Снегопад утих, но продолжало холодать, и было скользко.
Она сразу пошла в редакторскую, где все уже суетились с подготовкой дневного выпуска. В ее почтовом ящике лежала записка, что главный редактор немедленно хочет ее видеть.
Обеспокоенная, она вышла из шумной комнаты. Редактор сидел один в своем тесном, захламленном кабинете.
— Входи и закрой дверь. — Он кивнул на стул. — Закончила сегодняшнюю статью?
— Да.
— В ней упоминаются телеграммы и звонки губернатору Грин об изменении приговора Томпсону?

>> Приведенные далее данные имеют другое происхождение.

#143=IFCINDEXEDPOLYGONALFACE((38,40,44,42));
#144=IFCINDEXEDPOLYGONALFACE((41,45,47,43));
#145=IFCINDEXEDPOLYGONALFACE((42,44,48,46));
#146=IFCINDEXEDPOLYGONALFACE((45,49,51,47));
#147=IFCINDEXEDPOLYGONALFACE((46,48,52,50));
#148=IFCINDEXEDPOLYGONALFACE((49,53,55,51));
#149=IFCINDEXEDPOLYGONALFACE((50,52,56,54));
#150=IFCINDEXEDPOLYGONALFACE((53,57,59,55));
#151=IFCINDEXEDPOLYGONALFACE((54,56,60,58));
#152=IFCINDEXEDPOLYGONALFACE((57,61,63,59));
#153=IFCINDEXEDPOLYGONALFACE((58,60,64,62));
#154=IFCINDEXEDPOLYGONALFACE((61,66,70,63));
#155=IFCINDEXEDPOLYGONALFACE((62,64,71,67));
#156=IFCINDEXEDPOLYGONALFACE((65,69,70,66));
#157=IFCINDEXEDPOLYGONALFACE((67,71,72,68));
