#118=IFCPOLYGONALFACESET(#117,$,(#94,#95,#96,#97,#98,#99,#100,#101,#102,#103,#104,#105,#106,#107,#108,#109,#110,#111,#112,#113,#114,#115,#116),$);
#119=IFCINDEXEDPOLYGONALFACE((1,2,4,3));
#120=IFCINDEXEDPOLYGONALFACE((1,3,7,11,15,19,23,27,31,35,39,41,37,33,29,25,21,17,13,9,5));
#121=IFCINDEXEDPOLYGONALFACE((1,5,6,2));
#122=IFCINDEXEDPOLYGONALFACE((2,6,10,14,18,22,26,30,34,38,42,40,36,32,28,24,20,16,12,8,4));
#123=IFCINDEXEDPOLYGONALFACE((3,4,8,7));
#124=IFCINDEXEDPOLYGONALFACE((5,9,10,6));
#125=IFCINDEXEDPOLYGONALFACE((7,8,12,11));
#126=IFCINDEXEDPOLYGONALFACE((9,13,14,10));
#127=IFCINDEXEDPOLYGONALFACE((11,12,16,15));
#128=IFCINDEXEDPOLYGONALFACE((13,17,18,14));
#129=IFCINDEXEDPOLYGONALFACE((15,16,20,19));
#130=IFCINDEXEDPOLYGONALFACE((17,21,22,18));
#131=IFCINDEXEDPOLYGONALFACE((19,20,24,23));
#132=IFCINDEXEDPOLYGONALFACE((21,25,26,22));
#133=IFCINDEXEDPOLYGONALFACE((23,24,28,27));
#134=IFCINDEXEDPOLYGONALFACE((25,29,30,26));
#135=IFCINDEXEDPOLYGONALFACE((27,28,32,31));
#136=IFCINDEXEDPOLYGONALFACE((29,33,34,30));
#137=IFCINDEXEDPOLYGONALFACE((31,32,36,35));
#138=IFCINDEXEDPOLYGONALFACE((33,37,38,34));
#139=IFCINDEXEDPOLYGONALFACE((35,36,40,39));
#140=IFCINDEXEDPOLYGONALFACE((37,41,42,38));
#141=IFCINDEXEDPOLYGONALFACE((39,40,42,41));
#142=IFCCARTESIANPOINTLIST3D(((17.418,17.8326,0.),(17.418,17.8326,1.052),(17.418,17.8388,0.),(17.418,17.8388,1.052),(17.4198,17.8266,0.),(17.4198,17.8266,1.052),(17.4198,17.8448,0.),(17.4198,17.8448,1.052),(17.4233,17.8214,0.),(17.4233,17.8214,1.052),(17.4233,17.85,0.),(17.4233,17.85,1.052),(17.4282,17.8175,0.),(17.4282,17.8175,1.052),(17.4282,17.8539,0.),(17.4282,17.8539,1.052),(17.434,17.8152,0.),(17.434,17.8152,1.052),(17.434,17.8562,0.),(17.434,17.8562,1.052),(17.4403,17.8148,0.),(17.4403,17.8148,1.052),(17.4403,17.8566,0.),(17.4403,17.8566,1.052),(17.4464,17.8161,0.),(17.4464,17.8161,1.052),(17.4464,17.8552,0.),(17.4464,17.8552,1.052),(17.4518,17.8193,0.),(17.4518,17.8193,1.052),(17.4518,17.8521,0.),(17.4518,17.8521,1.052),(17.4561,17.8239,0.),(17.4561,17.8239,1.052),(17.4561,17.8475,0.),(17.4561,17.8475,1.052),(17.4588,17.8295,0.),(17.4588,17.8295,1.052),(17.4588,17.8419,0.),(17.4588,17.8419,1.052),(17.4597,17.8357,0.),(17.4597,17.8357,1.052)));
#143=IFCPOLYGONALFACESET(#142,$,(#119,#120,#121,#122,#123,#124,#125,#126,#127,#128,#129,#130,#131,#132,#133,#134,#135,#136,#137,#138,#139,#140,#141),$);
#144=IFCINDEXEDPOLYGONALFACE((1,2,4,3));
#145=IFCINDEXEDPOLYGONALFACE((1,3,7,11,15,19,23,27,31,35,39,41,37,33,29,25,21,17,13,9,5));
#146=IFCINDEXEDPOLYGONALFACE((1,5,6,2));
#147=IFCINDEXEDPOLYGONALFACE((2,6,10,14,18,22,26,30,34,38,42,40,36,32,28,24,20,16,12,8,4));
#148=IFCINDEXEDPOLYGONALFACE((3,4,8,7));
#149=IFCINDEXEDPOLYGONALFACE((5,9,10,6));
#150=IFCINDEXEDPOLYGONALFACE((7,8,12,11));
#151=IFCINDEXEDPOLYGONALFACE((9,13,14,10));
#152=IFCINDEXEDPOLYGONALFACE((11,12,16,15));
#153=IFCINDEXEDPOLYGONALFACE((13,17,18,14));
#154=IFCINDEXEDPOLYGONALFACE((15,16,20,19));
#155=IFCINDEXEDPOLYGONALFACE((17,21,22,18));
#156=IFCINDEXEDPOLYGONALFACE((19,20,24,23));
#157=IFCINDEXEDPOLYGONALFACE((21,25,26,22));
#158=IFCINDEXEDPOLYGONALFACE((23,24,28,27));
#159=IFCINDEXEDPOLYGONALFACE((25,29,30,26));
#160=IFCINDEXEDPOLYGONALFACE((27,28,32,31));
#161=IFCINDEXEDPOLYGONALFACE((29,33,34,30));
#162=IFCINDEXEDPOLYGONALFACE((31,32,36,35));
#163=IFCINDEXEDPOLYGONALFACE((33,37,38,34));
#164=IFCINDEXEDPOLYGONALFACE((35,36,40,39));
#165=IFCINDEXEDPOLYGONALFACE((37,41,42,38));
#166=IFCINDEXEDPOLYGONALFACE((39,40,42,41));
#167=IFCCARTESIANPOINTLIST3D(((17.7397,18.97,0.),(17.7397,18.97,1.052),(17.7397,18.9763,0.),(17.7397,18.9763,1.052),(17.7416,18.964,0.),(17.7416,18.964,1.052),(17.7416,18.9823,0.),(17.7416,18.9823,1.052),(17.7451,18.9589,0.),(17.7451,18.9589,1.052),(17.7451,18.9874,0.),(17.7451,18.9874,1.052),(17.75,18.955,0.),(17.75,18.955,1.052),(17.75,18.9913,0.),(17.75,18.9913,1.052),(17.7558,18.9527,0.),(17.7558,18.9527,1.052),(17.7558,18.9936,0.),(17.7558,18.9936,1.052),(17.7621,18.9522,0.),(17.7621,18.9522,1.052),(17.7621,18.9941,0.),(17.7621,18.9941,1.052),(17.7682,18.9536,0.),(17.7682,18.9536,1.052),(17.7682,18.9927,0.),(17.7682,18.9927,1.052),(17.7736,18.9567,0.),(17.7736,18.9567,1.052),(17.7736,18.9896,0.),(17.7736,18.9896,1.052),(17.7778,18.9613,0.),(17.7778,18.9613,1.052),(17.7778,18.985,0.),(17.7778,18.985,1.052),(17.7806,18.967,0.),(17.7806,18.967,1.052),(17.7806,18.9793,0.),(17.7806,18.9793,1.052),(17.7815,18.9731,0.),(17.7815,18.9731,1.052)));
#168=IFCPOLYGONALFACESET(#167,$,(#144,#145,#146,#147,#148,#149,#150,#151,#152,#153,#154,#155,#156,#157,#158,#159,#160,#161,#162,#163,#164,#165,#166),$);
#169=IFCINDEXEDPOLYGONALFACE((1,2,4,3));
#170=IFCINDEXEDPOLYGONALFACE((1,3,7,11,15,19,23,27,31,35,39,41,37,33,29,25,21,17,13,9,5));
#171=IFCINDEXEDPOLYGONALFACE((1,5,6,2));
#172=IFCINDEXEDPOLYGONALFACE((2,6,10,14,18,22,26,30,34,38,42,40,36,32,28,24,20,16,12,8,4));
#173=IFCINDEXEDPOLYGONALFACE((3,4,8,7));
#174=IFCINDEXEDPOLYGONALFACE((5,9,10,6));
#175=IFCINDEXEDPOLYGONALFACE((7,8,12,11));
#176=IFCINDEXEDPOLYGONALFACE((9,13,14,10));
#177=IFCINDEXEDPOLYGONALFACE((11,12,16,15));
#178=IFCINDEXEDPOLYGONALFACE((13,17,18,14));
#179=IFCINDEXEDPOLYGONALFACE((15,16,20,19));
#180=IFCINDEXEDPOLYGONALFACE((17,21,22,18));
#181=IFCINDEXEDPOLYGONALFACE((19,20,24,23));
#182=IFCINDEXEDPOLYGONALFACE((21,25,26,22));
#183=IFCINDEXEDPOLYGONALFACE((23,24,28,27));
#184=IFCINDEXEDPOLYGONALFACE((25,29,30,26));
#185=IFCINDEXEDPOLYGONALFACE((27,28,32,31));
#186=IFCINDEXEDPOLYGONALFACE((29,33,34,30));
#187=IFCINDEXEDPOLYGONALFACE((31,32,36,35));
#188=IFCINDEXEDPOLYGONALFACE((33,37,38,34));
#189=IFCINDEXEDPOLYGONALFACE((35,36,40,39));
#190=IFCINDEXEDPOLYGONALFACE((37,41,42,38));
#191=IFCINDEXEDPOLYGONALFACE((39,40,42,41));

— Конечно. Я думала об этом. Я изменю вводный абзац. Губернатор заявила, что не остановит казнь, и тут есть шанс. Он может подтолкнуть к действию многих людей. У нас есть сорок восемь часов.
— Забудь об этом.
Шэрон широко раскрыла глаза.
— Что вы имеете в виду? Вы же все время были на моей стороне.
— Я сказал, забудь об этом. Приняв решение, губернатор лично позвонила старику. Сказала, что мы нарочно раздуваем сенсацию для увеличения продаж. Что она тоже не одобряет смертную казнь, но у нее нет права вмешиваться в приговор суда без дополнительных фактов. Что, если мы хотим развернуть кампанию по изменению Конституции, это наше право и она поможет в каждом нашем шаге, но давить на нее в одном конкретном случае — это попытка произвольно применять правосудие. В конце концов, старик с ней согласился.
Шэрон почувствовала, что желудок сжался в комок, словно ее ударили. На секунду ей показалось, что ее вырвет. Плотно сжав губы, она постаралась подавить внезапный спазм в горле. Редактор внимательно посмотрел на нее.
— Что с тобой, Шэрон? Ты побледнела.
Ей удалось избавиться от тошнотворного привкуса во рту.
— Все нормально.
— Я могу отправить кого-нибудь другого для освещения завтрашнего собрания. Тебе лучше отдохнуть несколько дней.
— Нет. — Законодательное собрание Массачусетса обсуждало вопрос о запрете в штате смертной казни. Она собиралась быть там.
— Как хочешь. Сдай статью и иди домой. — И сочувственно добавил: — Мне жаль, Шэрон. Чтобы принять поправку к Конституции, потребуются годы, а если губернатор Грин первой запретит смертный приговор, волна подобных отмен пройдет по всей стране. И я понимаю ее позицию.
— Я понимаю, что легализованное убийство теперь фактически нельзя опротестовать. — Не дожидаясь ответа, она резко встала и вышла.
Подойдя к своему столу, открыла молнию на большой сумке и вынула из отделения для бумаг свернутые отпечатанные страницы со статьей, над которой работала большую часть ночи.